Ein Tag im Leben von...Yurleidys Nietos Salas
Yurleidys’ Mutter Luzduris ist alleinerziehend. Sie hat drei Kinder von verschiedenen Männern, von denen nur einer sie ab und unterstützt. Als älteste Tochter trägt Yurleidys deshalb mit ihren 14 Jahren schon viel Verantwortung.
4.40 Uhr: Der Handyalarm schrillt. Im Armenviertel El Limonar ist es finster. Ihre Mutter und die beiden Geschwister schlafen noch. Yurleidys wälzt sich aus dem Bett. Sie duscht und macht sich für den Schultag bereit. Ihre langen lockigen Haare zu kämmen, kostet sie am meisten Zeit. Sie macht sich ihr Frühstück selbst und geht los Richtung Schule. Um 6 Uhr beginnt die erste Stunde.
Der Lebensunterhalt der Familie hängt vom Einkommen von Yurleidys’ Mutter Luzduris (29) ab. Doch diese hat Mühe, Arbeit zu finden. Sie muss nehmen, was sie bekommt, auch wenn die Arbeitszeiten ständig wechseln und sie Nachtschichten machen muss. Yurleidys war schon seit sie klein ist die Person, die sich um den Haushalt und die Geschwister kümmert. Sie putzt, kocht, wäscht, hilft Naileth (9) mit den Hausaufgaben und ist für Jhosep (4) da. All dies tut sie, um ihre Mutter zu entlasten, die oft müde oder krank ist. Zurzeit ist die Lage etwas besser als auch schon. Luzduris hat eine Stelle als Assistentin im Call-Center des kolumbianischen Getränkeriesen Postobon. Dort verdient sie das gesetzliche Minimum, umgerechnet etwa 240 Franken pro Monat. Sie verlässt das Haus meist um 7.30 Uhr und kehrt um 18.30 Uhr heim. Am Sonntag hat Luzduris frei. Dann ist Familienzeit.

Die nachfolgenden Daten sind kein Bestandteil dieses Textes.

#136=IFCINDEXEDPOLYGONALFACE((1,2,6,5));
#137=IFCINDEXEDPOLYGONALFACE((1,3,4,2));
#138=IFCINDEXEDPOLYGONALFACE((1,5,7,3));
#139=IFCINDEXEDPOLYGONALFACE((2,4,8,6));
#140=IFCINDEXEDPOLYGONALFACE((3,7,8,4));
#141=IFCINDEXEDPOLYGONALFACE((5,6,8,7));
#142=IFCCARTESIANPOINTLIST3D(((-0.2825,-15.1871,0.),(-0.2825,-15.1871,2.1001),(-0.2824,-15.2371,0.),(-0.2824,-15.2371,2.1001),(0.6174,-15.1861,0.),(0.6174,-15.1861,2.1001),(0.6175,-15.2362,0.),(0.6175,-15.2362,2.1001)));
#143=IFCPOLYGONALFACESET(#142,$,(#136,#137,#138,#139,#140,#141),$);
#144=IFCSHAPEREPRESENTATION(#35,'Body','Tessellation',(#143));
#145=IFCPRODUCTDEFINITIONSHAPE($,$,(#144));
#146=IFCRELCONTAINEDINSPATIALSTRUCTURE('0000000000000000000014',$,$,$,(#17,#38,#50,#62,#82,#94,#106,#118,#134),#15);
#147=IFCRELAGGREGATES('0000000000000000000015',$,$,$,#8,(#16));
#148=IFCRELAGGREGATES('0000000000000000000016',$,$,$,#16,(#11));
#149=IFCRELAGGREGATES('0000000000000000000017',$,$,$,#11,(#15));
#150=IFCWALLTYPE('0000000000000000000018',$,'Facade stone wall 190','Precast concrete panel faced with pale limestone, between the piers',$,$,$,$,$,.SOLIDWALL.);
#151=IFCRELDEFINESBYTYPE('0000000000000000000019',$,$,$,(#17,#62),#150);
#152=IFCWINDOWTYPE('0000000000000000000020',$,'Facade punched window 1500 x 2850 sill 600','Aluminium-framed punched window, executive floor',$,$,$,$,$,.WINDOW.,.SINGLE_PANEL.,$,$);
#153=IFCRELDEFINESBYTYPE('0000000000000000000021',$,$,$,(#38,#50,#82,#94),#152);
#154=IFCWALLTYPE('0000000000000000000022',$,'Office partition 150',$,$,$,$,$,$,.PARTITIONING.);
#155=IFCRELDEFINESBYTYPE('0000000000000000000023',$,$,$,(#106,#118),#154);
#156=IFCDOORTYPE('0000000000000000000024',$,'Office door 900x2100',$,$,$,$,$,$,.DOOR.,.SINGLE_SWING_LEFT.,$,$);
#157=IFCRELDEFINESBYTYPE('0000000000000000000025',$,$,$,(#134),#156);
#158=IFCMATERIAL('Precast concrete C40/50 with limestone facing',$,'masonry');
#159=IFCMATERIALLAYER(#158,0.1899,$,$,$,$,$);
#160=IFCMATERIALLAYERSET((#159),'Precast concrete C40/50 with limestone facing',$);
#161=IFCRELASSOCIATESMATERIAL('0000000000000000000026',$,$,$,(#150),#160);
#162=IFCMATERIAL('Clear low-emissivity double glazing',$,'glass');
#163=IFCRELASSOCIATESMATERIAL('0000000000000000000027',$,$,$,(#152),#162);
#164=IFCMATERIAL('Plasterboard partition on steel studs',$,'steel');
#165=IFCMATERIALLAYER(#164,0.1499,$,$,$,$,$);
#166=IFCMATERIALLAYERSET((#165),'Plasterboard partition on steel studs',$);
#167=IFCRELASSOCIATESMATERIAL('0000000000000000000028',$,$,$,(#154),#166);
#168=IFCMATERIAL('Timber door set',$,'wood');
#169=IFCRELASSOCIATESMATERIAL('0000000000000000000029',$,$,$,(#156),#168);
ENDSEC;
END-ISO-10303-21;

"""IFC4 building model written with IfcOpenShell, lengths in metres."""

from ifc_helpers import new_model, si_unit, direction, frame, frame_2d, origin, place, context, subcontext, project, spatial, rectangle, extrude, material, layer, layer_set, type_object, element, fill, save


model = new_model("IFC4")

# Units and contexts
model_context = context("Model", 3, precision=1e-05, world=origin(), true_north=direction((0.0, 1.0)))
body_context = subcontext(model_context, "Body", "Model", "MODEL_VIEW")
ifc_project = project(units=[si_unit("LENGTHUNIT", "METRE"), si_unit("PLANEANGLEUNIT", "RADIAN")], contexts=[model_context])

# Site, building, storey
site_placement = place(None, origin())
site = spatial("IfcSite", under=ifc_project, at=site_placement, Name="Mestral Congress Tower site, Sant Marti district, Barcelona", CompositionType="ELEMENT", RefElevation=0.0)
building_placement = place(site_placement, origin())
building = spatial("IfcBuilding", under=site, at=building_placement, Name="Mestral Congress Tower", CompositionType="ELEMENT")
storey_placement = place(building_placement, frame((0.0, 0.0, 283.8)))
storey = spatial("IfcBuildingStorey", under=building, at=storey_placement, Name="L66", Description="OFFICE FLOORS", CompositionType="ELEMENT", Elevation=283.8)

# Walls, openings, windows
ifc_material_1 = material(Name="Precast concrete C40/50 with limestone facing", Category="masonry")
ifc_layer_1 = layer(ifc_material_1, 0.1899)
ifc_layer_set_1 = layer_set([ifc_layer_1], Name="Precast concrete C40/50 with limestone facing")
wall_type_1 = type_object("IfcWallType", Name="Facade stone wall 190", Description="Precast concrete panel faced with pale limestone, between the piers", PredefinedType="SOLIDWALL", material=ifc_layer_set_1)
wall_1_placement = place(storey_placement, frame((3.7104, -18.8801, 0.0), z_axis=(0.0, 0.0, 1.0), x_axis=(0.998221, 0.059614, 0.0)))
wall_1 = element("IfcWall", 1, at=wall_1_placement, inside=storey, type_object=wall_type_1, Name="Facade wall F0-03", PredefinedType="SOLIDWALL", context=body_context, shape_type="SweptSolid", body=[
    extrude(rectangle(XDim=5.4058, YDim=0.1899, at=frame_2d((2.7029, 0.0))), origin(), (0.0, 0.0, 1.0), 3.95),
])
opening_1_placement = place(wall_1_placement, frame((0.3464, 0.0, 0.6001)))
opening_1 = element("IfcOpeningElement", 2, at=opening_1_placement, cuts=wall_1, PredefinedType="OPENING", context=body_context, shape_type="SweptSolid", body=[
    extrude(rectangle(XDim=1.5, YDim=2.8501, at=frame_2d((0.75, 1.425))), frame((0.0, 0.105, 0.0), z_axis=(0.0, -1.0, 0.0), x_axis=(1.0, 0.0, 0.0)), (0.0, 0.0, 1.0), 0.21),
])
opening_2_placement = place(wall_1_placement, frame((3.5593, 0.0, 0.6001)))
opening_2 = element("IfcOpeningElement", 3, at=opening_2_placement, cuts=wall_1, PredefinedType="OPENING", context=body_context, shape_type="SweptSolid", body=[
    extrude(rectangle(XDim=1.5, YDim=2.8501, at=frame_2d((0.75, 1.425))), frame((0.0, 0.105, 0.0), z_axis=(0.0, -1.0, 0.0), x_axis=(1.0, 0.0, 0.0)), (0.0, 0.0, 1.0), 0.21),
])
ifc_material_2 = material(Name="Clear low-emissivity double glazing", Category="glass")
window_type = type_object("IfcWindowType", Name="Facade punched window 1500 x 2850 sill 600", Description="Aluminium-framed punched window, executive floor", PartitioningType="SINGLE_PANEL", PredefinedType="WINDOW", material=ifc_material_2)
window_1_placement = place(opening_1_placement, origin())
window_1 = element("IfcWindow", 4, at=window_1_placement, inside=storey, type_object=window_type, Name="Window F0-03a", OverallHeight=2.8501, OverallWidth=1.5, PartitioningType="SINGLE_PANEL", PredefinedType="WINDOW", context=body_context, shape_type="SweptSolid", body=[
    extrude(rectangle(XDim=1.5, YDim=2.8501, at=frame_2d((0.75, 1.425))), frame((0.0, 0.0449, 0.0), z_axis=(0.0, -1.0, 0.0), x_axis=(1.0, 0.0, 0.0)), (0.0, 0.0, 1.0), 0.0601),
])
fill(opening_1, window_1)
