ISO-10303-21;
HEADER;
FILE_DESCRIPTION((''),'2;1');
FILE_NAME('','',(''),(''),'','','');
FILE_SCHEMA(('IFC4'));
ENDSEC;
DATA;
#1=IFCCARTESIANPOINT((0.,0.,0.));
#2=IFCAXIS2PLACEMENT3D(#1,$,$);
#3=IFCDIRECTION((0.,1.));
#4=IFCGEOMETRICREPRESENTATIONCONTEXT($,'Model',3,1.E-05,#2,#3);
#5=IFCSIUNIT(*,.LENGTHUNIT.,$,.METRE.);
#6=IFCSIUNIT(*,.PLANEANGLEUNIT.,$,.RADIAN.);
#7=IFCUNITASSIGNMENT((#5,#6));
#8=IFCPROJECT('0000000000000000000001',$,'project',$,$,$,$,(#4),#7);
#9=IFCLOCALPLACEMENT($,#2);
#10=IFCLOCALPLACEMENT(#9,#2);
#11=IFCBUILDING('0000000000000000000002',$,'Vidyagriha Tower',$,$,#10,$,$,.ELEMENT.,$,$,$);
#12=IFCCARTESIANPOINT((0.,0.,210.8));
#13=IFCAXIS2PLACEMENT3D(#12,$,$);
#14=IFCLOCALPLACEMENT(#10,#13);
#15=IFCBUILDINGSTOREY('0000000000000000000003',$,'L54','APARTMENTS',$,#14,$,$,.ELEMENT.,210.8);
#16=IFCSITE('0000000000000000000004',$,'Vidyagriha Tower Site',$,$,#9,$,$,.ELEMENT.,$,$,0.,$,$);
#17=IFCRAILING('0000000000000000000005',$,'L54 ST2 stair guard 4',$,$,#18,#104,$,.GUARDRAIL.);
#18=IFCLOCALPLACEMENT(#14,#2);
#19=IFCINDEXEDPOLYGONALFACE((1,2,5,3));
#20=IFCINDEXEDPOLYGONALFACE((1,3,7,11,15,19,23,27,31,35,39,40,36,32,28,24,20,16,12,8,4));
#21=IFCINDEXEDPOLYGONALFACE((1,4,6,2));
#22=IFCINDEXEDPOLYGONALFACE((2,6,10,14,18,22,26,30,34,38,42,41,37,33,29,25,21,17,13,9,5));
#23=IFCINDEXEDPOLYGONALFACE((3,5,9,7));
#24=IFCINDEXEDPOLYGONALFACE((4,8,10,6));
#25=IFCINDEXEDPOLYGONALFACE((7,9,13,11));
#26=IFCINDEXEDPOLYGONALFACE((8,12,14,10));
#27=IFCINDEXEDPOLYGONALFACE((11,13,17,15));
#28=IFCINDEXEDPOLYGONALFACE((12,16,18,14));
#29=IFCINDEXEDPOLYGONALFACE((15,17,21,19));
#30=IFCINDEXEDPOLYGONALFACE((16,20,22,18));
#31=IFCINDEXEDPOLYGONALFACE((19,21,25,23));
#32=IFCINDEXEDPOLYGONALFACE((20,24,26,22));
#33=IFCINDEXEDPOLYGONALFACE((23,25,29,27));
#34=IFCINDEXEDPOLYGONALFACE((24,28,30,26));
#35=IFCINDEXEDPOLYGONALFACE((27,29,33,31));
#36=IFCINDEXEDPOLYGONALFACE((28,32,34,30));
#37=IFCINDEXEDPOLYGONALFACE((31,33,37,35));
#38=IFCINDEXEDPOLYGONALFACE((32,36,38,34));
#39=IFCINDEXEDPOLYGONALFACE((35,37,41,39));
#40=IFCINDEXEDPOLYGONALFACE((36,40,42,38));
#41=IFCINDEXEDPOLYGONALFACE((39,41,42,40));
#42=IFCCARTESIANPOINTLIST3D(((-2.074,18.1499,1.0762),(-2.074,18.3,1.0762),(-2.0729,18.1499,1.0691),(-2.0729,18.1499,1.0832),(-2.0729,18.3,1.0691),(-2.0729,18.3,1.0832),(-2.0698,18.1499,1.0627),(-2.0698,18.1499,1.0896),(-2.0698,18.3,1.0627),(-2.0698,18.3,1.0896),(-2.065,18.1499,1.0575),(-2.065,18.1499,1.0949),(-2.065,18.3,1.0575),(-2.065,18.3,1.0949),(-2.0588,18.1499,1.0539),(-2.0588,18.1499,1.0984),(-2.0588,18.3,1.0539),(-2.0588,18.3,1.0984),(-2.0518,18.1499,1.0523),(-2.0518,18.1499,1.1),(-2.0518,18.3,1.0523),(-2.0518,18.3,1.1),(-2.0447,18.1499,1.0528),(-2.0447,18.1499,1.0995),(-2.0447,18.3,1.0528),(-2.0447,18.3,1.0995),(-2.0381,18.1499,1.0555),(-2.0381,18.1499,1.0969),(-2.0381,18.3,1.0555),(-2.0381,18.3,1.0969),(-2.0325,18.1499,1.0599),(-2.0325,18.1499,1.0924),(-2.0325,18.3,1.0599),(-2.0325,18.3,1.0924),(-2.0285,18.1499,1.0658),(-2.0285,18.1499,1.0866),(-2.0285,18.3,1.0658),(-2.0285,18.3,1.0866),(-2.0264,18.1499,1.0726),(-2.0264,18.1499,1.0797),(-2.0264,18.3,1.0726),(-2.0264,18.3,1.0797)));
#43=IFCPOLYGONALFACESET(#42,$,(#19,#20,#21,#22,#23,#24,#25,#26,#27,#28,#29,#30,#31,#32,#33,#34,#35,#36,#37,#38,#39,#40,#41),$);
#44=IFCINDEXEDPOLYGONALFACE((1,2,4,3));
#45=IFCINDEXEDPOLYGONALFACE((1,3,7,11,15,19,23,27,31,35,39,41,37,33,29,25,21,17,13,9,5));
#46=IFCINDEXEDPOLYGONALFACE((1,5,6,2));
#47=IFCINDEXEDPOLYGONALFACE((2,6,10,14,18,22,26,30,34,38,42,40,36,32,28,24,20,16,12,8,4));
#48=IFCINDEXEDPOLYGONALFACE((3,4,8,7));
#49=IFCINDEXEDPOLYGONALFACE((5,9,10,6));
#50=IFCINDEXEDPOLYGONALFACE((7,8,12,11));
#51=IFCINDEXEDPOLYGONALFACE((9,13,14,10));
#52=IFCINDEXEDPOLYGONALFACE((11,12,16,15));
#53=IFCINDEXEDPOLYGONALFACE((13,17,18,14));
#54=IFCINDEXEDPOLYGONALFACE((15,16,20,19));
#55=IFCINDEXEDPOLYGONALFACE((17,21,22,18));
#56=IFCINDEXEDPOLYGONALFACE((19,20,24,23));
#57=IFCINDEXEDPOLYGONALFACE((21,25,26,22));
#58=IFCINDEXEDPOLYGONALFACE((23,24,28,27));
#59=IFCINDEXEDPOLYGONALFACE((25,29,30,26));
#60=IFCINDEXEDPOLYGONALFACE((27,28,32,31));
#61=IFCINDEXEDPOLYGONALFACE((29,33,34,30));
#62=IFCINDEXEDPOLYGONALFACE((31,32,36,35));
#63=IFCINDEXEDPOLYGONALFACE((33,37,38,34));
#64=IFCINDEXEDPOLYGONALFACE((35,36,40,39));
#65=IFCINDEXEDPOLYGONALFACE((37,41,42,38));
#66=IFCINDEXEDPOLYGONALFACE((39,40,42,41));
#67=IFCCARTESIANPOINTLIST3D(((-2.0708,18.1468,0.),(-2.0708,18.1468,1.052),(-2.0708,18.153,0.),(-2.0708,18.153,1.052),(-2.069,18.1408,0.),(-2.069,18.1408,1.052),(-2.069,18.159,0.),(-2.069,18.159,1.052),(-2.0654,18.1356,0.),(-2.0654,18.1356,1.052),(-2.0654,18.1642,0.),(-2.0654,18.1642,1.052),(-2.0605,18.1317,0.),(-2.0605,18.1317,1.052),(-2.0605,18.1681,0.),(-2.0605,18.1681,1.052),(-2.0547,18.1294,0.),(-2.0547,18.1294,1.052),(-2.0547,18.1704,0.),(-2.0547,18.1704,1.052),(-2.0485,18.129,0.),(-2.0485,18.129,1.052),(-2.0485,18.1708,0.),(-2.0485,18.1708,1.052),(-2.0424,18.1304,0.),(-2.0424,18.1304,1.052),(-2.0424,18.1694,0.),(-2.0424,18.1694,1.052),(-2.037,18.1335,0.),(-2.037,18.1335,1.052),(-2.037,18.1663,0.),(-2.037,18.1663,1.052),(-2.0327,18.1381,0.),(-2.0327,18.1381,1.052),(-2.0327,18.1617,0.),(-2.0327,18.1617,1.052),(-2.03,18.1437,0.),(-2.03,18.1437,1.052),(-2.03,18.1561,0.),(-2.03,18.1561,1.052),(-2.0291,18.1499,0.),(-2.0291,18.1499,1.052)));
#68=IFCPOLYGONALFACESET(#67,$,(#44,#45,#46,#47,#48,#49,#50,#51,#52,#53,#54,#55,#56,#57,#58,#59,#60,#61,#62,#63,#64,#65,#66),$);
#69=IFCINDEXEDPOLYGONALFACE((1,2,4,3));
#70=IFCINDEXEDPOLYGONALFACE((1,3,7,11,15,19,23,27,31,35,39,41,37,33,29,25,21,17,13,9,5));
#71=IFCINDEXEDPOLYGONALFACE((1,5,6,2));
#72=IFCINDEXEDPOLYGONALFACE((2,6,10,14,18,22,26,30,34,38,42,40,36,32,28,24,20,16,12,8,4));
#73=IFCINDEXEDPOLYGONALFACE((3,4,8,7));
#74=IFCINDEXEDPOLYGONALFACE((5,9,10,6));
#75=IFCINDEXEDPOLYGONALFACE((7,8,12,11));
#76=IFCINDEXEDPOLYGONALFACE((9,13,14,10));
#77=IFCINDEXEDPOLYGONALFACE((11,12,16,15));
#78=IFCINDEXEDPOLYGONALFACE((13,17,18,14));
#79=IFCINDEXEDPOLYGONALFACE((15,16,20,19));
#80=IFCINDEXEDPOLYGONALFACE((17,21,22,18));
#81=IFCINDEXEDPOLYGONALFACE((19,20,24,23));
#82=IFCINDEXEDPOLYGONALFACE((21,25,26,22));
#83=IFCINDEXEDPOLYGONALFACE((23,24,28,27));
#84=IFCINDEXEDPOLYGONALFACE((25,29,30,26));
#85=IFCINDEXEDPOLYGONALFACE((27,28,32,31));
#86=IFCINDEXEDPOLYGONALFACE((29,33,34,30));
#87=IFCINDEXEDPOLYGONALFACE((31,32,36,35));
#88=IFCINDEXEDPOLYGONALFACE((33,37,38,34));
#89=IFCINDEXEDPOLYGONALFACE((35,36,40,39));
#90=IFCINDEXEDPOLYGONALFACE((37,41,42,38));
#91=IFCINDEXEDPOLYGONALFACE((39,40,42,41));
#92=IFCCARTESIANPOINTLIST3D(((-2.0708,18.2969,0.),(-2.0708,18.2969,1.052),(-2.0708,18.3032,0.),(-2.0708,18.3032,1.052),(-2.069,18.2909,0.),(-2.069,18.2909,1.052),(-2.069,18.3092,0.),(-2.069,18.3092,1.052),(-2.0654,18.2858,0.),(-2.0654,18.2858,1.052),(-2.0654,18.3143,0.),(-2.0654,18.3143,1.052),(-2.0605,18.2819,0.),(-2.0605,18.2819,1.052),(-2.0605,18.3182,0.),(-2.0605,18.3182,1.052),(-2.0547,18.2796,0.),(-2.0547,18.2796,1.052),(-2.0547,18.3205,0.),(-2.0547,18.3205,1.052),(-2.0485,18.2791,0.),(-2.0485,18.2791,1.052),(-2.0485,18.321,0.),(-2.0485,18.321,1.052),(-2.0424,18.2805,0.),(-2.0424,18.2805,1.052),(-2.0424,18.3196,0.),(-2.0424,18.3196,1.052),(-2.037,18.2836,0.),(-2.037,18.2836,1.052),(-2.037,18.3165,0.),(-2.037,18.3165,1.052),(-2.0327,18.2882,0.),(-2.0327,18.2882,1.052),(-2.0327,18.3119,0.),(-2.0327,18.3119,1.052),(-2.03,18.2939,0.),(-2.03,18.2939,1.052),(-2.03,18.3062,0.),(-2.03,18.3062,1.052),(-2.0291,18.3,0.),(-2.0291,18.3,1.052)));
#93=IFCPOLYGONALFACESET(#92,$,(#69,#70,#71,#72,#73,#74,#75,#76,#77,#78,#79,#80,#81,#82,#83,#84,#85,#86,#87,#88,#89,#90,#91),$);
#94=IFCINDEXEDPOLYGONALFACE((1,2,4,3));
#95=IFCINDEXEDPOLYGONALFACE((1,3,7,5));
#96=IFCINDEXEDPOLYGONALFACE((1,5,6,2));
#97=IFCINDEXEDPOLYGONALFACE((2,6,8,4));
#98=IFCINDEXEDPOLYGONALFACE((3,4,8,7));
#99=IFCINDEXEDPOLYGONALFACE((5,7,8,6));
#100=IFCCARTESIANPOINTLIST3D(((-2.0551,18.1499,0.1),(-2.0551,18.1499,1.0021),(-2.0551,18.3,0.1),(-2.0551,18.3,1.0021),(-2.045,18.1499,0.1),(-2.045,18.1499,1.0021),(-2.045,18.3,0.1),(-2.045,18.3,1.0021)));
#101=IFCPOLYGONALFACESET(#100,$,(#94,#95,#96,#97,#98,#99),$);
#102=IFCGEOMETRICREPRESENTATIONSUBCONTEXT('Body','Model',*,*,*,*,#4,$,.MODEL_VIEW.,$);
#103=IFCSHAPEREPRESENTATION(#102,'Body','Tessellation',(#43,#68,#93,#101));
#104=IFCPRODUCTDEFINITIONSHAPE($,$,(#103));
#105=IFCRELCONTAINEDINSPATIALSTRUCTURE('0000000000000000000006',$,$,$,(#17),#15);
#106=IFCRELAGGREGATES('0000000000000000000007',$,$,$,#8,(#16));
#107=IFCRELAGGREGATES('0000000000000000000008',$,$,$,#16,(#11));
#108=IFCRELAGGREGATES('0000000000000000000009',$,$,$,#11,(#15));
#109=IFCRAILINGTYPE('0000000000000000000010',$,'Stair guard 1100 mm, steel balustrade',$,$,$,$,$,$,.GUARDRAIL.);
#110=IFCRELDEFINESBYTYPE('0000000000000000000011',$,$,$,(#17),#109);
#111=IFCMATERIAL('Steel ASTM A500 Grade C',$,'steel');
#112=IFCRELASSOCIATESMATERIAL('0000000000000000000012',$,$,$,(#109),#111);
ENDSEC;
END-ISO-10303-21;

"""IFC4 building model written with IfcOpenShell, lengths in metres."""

from ifc_helpers import new_model, si_unit, direction, frame, origin, origin_2d, place, context, subcontext, project, spatial, rectangle, circle, extrude, material, type_object, element, save


model = new_model("IFC4")

# Units and contexts
model_context = context("Model", 3, precision=1e-05, world=origin(), true_north=direction((0.0, 1.0)))
body_context = subcontext(model_context, "Body", "Model", "MODEL_VIEW")
ifc_project = project(units=[si_unit("LENGTHUNIT", "METRE"), si_unit("PLANEANGLEUNIT", "RADIAN")], contexts=[model_context])

# Site, building, storey
site_placement = place(None, origin())
site = spatial("IfcSite", under=ifc_project, at=site_placement, Name="Vidyagriha Tower Site", CompositionType="ELEMENT", RefElevation=0.0)
building_placement = place(site_placement, origin())
building = spatial("IfcBuilding", under=site, at=building_placement, Name="Vidyagriha Tower", CompositionType="ELEMENT")
storey_placement = place(building_placement, frame((0.0, 0.0, 210.8)))
storey = spatial("IfcBuildingStorey", under=building, at=storey_placement, Name="L54", Description="APARTMENTS", CompositionType="ELEMENT", Elevation=210.8)

# Railing
ifc_material_1 = material(Name="Steel ASTM A500 Grade C", Category="steel")
railing_type_1 = type_object("IfcRailingType", Name="Stair guard 1100 mm, steel balustrade", PredefinedType="GUARDRAIL", material=ifc_material_1)
railing_1_placement = place(storey_placement, frame((-2.05, 18.1499, 0.0)))
element("IfcRailing", 1, at=railing_1_placement, inside=storey, type_object=railing_type_1, Name="L54 ST2 stair guard 4", PredefinedType="GUARDRAIL", context=body_context, shape_type="SweptSolid", body=[
    extrude(circle(Radius=0.0239, at=origin_2d()), frame((0.0, 0.0, 1.0762), z_axis=(0.0, 1.0, 0.0), x_axis=(-1.0, 0.0, 0.0)), (0.0, 0.0, 1.0), 0.1501),
    extrude(circle(Radius=0.021, at=origin_2d()), origin(), (0.0, 0.0, 1.0), 1.052),
    extrude(circle(Radius=0.021, at=origin_2d()), frame((0.0, 0.1501, 0.0)), (0.0, 0.0, 1.0), 1.052),
    extrude(rectangle(XDim=0.01, YDim=0.9021, at=origin_2d()), frame((0.0, 0.0, 0.551), z_axis=(0.0, 1.0, 0.0), x_axis=(-1.0, 0.0, 0.0)), (0.0, 0.0, 1.0), 0.1501),
])

save(model, "model.ifc")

12.50 Uhr: Yurleidys rennt aus der Schule nach Hause. Zum Glück ist der Weg nicht so weit. Dort holt sie ihre neunjährige Schwester ab, für die um 12.30 Uhr die Schule beginnt. Naileth hat den ganzen Vormittag allein daheim verbracht, gefrühstückt und sich auf die Schule vorbereitet. Ist die Kleine in der Schule, geht Yurleidys jeden Tag zum Sitz der Stiftung Presencia, um etwas Kleines zu essen. Das ist ein wichtiger Teil ihrer Ernährung, denn daheim reicht das Geld oft nicht für drei Mahlzeiten. Karina heisst ihre Betreuerin. Bei den regelmässigen Treffen mit ihr kann ihr Yurleidys alles sagen, was sie bedrückt. An solchen Tagen verbringt das Mädchen den Nachmittag am Sitz der Stiftung. Manchmal muss sie aber fernbleiben, wenn beispielsweise eines der Geschwister krank ist.Heute ist kein Treffen vorgesehen, also kehrt Yurleidys nach Hause zurück. Dort kocht sie für sich, aber auch gleich Teile des Abendessens für die Familie. Anschliessend kümmert sie sich um den Haushalt, räumt auf und macht die Küche sauber. Später beginnt sie mit den Hausaufgaben.
17.20 Uhr: Die beiden Kinder holen ihre Schwester von der Schule ab. Daheim machen sie Hausaufgaben und warten, bis auch ihre Mutter nach Hause kommt. Meistens bereitet Yurleidys alles fürs Abendessen vor – seltener kocht ihre Mutter. In der Regel gibt es Reis und Bohnen, dazu Eier und frittierte Kochbananen. Abends gibt es manchmal auch Arepas aus Maismehl oder Kartoffeln. Yurleidys kann gut kochen, darauf ist sie stolz. Seit sie 11 Jahre alt ist, liegt das in ihrer Verantwortung. Am liebsten kocht sie Reis und Bohnen, aber den Kindern schmecken Spaghetti am besten. Ist ihre Mutter da, hat Yurleidys Zeit für sich und tut, was ihr wichtig ist: beispielsweise Volleyball spielen und Zeit mit Gleichaltrigen verbringen.
20.50 Uhr: Yurleidys ist wieder daheim. Sie wäscht sich, putzt die Zähne und geht ins Bett. Denn der nächste Tag wird wieder lang werden.